# If anyone wants to know why Shiny Andy is shiny...



## mrypg9 (Apr 26, 2008)

it's because he's a STAR...a superstar!!!

Thankyou Andy, what you've done means a lot to all the ADANA people and hundreds of dogs.


----------



## jojo (Sep 20, 2007)

This was asked once before. I thought maybe he had a shiny bald head, but I think he said it was somekind of pet name?????????????? Good on him tho for helping out when its needed!

Jo xxx


----------



## jojo (Sep 20, 2007)

...... hey, he's not far from you Mary, why not invite him round this evening and we could have a mini party at yours lol!!!!

Jo xxx


----------



## Guest (Aug 4, 2010)

Hmm.. shame it´s not tomorrow instead! I´ve got to get the PC first, then wipe it and reinstall everything!

Shiny is because I once owned a car that was mainly bare aluminium and needed polishing everytime you took it outside!


----------



## nigele2 (Dec 25, 2009)

mrypg9 said:


> it's because he's a STAR...a superstar!!!
> 
> Thankyou Andy, what you've done means a lot to all the ADANA people and hundreds of dogs.


He's one of the Shiny happy people

Everyone around love them, love them
Put it in your hands
Take it take it
There's no time to cry
Happy happy
Put it in your heart
Where tomorrow shines
Gold and silver shine

Well it's better than I had to polish the car!!! Well done Andy from all the dogs of Spain  (bet he's blushing now )


----------



## jojo (Sep 20, 2007)

nigele2 said:


> He's one of the Shiny happy people
> 
> Everyone around love them, love them
> Put it in your hands
> ...


In my last will and testament, I have requested that song to be played at my funeral!!! (sorry to be morbid)

Jo xxx


----------



## mrypg9 (Apr 26, 2008)

jojo said:


> In my last will and testament, I have requested that song to be played at my funeral!!! (sorry to be morbid)
> 
> Jo xxx




Hmm....
I've asked my son to read selected verses from 'Gray's Elegy'. He thinks I'm nuts....
Not too sure about the music, though. Something solemn and classical, probably.
Or Benny Hill's 'Ernie'.


----------



## jojo (Sep 20, 2007)

mrypg9 said:


> Hmm....
> I've asked my son to read selected verses from 'Gray's Elegy'. He thinks I'm nuts....
> Not too sure about the music, though. Something solemn and classical, probably.
> Or Benny Hill's 'Ernie'.


"The curfew tolls the knell of parting day,
The lowing herd winds slowly o'er the lea,
The ploughman homeward plods his weary way,
And leaves the world to darkness and to me."

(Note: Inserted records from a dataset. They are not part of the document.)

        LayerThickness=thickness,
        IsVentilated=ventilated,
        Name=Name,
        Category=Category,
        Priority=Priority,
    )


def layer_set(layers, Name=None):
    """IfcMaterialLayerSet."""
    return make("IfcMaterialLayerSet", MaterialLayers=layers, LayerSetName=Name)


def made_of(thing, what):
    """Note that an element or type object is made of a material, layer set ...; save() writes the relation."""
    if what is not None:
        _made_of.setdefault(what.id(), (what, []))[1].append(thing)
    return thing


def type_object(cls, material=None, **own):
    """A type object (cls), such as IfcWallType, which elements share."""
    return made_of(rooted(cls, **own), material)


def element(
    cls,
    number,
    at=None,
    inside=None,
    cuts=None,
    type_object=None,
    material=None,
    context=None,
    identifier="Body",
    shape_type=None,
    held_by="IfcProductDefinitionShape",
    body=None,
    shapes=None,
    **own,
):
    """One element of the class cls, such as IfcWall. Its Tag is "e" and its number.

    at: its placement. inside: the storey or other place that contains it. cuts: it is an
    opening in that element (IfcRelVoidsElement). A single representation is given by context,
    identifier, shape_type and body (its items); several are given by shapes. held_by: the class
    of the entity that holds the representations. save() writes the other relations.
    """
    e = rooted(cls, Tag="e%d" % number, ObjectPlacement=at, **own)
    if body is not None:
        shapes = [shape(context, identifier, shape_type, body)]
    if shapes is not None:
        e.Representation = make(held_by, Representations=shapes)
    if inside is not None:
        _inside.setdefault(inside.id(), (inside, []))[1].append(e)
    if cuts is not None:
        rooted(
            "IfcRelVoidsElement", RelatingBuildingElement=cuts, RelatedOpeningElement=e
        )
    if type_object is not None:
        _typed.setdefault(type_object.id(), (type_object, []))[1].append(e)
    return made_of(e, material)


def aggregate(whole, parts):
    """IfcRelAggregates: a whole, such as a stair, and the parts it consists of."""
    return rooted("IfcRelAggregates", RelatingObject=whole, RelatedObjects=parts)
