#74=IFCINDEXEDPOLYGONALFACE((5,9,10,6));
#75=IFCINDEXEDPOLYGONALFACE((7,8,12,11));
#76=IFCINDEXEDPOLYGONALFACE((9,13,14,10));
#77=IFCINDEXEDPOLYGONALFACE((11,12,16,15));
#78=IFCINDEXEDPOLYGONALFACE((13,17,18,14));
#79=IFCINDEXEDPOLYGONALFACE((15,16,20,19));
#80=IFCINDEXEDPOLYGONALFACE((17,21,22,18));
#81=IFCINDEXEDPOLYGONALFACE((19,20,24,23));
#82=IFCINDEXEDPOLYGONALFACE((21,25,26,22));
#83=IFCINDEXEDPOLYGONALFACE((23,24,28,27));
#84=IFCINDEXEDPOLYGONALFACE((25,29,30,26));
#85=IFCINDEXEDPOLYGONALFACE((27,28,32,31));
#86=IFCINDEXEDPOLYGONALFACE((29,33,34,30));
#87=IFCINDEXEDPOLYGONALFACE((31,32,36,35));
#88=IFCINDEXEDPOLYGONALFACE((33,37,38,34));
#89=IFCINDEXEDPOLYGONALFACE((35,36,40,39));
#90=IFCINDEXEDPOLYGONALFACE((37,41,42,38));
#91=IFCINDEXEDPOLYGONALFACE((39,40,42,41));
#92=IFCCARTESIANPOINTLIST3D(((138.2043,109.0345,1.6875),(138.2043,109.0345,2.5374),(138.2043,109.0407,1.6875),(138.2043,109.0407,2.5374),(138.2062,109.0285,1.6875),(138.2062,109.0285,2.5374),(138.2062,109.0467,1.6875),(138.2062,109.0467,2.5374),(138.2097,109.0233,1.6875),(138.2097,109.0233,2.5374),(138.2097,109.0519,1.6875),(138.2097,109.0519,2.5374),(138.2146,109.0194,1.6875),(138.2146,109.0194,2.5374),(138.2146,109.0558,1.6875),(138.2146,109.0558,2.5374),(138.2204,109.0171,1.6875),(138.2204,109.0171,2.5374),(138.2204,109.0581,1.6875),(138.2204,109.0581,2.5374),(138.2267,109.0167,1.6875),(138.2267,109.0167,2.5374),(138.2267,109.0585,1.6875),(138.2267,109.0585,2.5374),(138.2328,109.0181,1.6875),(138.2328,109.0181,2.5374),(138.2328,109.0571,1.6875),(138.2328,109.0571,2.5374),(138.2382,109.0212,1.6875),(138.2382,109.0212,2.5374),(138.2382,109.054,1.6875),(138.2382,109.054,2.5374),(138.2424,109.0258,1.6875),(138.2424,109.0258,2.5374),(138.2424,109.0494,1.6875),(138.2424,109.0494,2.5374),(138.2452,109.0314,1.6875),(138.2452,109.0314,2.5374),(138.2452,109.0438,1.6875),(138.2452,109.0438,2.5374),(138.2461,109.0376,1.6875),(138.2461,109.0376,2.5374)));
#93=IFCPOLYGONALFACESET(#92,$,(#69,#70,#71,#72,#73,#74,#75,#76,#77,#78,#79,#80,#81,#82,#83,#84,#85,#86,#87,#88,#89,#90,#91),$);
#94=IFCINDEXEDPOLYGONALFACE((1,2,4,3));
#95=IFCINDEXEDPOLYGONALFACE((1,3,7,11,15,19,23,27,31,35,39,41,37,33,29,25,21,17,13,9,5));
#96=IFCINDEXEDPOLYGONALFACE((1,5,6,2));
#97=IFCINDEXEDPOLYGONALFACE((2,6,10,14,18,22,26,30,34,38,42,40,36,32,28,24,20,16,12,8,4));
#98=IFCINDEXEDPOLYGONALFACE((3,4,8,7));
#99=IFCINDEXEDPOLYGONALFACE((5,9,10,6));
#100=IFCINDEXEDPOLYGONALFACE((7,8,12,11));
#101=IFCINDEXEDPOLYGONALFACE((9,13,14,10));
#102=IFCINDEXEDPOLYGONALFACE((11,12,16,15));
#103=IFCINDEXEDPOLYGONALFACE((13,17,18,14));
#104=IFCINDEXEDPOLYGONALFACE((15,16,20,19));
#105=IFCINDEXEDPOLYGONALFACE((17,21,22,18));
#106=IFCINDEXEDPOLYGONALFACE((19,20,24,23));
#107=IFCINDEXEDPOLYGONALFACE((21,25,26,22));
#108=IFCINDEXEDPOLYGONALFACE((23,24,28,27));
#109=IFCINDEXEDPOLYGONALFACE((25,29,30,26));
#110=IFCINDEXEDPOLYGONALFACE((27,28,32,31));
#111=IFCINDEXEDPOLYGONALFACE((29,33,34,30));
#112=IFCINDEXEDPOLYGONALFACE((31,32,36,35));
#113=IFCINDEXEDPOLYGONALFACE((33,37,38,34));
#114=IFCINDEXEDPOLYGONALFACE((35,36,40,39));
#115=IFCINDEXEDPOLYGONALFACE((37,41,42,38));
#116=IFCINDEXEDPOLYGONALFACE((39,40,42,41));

Hhhmmm, thats a jolly little verse!! But I guess funerals arent supposed to be happy occasions. I just like REMs "Shiny, Happy People" cos its such a happy sound and I want people to celebrate rather than snivvle

Jo xxx


----------



## nigele2 (Dec 25, 2009)

jojo said:


> But I guess funerals arent supposed to be happy occasions.


why not?? If the person has played their innings to the best of their ability and made a few people smile we should all celebrate 

I think football fans applauding their heros is far better than a minutes silence. 

I noted in Belfast the people even applauded the hurricane in the cathedral. 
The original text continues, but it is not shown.